The fungi genus Malassezia was the most abundant found in the metagenomic analysis, and it is one of the organisms that were able to degrade TPH in the performed oxidation tests. However, no indication in the consulted literature was obtained considering the possibility of organisms of the genus Malassezia degrading hydrocarbon compounds. This highlights the contribution of the present study. Considering the fungi of unidentified genus, the Eriotales, Helotiales and Agaricales orders and the family Aspergillus are reported as having hydrocarbon degrading potential. However, they did not perform well in the oxidation tests. Considering all the obtained results, four bacteria (Bacillus and Lysinibacillus genus) and two fungi species (Malassezia and Talaromyces genus) that were identified after the oxidation tests for hydrocarbon degradation have not previously been mentioned in the literature for having the ability to degrade TPH37,38,39.

Conclusions

This paper presents results of column tests that were performed on compacted samples of a clayey sand soil permeated by PPW. The experimental results indicate the occurrence of clay dispersion in the samples with the associated decrease in soil permeability. Furthermore, all the tested samples presented the occurrence of organic decay. Breakthrough curves were modelled in an incremental way using a non constant decay rate to better simulate microorganisms growing process and consider the occurrence of varying velocity in experiments.
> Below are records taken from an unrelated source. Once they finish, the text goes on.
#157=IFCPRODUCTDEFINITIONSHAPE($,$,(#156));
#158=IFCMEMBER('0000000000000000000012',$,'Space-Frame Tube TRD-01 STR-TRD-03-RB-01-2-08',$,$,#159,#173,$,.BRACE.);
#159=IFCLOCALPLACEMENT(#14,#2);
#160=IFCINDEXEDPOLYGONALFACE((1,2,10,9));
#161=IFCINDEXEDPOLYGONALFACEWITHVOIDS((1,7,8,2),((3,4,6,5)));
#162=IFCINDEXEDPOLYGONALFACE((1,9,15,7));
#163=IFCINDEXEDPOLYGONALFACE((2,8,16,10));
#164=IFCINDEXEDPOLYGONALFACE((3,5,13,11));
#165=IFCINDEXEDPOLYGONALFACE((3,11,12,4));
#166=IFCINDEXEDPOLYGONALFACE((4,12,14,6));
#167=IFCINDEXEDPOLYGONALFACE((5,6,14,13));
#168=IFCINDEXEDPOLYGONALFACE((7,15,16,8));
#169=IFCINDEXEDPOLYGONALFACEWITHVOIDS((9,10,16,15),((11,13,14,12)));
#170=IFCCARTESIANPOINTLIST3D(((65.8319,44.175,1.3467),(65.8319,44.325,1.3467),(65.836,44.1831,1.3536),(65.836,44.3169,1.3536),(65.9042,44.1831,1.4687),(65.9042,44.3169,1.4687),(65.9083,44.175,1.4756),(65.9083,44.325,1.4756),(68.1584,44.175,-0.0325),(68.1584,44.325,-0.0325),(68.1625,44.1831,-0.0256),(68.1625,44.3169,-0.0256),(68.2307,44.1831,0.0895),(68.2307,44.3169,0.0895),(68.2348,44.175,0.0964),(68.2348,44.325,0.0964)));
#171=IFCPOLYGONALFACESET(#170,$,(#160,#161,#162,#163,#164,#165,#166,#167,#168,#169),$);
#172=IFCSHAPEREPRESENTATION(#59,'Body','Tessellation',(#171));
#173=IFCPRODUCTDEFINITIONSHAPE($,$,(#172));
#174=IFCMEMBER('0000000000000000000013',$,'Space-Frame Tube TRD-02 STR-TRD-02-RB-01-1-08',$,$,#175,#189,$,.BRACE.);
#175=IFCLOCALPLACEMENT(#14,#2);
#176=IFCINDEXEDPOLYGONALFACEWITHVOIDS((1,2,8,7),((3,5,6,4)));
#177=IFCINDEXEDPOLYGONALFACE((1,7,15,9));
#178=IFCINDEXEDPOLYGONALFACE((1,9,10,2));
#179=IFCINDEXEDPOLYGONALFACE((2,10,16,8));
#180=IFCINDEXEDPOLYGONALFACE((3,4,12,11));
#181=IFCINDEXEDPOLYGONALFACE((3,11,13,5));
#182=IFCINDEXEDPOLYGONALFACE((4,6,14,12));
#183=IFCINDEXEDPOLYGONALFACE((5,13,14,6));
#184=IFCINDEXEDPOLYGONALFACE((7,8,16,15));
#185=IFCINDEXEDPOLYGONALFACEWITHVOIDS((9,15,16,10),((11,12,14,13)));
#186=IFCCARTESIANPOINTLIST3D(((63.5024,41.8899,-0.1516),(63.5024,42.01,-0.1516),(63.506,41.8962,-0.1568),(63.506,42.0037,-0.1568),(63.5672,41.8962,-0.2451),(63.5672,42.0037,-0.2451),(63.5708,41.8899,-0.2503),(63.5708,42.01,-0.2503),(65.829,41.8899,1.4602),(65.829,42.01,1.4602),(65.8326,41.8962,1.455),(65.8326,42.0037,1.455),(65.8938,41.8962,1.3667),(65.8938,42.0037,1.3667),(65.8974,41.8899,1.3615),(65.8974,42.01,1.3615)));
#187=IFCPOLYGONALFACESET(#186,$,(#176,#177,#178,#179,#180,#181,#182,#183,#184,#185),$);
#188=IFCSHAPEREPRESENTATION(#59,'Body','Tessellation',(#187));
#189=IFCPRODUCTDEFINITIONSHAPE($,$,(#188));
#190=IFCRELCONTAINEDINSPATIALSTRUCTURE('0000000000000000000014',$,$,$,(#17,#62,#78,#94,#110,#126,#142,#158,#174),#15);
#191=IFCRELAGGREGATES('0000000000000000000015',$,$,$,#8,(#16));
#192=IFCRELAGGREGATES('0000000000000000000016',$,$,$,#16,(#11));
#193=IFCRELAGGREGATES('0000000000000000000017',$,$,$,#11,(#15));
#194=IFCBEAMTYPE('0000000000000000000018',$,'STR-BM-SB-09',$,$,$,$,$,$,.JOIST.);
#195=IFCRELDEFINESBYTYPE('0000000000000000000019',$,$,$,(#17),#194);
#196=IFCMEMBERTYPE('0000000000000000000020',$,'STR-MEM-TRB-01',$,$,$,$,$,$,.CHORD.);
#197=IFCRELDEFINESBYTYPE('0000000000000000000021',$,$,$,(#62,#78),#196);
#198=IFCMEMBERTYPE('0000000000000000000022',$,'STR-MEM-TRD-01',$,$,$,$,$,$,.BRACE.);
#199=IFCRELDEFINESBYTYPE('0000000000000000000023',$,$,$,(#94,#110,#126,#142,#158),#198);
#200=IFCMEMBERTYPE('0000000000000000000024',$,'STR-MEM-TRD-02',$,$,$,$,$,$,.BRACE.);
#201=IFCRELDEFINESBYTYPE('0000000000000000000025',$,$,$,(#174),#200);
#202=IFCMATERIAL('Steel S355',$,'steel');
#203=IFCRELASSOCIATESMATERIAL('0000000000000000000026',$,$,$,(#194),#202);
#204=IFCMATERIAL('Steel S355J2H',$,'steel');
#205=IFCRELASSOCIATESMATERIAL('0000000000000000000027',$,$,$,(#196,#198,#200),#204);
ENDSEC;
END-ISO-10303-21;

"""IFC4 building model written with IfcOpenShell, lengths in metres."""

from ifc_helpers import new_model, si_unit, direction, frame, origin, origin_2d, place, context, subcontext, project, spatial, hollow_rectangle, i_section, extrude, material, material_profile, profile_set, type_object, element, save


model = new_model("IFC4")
A good adherence was obtained between experimental and modelled results. The TPH concentrations in the permeating fluid and/or soil permeability seem to influence the values of \(\mathrm{t}_1\) (elapsed time for which the decay rate reaches half \(\uplambda _{\mathrm{max}}\)) and \(\upbeta\) (rate of increase in the decay rate). The smaller variability of the maximum decay rate (\(\uplambda _{\mathrm{max}}\)) seems to reflect the similar original nature and diversity of the communities of microorganisms in the soil specimens40. The obtained \(D_h\) values are substantially higher than the results presented in the technical literature concerning inorganic solutes but are compatible with previous results obtained using PPW as permeating fluid in different soils. The previously mentioned aspects are important (and most of them are favourable to environmental protection) when applying field remediation techniques or in the design of soil bio-barriers for PPW containment, since the VS sediment was characterized as a microbiota with potential to degrade hydrocarbons. The obtained results from the biological analysis illustrate how column tests can be performed to provide genetic material, which could be potentially applied in bio-remediation techniques that focus on native microorganisms. Furthermore, some identified species do not have a previous indication of the potential degradation of PPW compounds.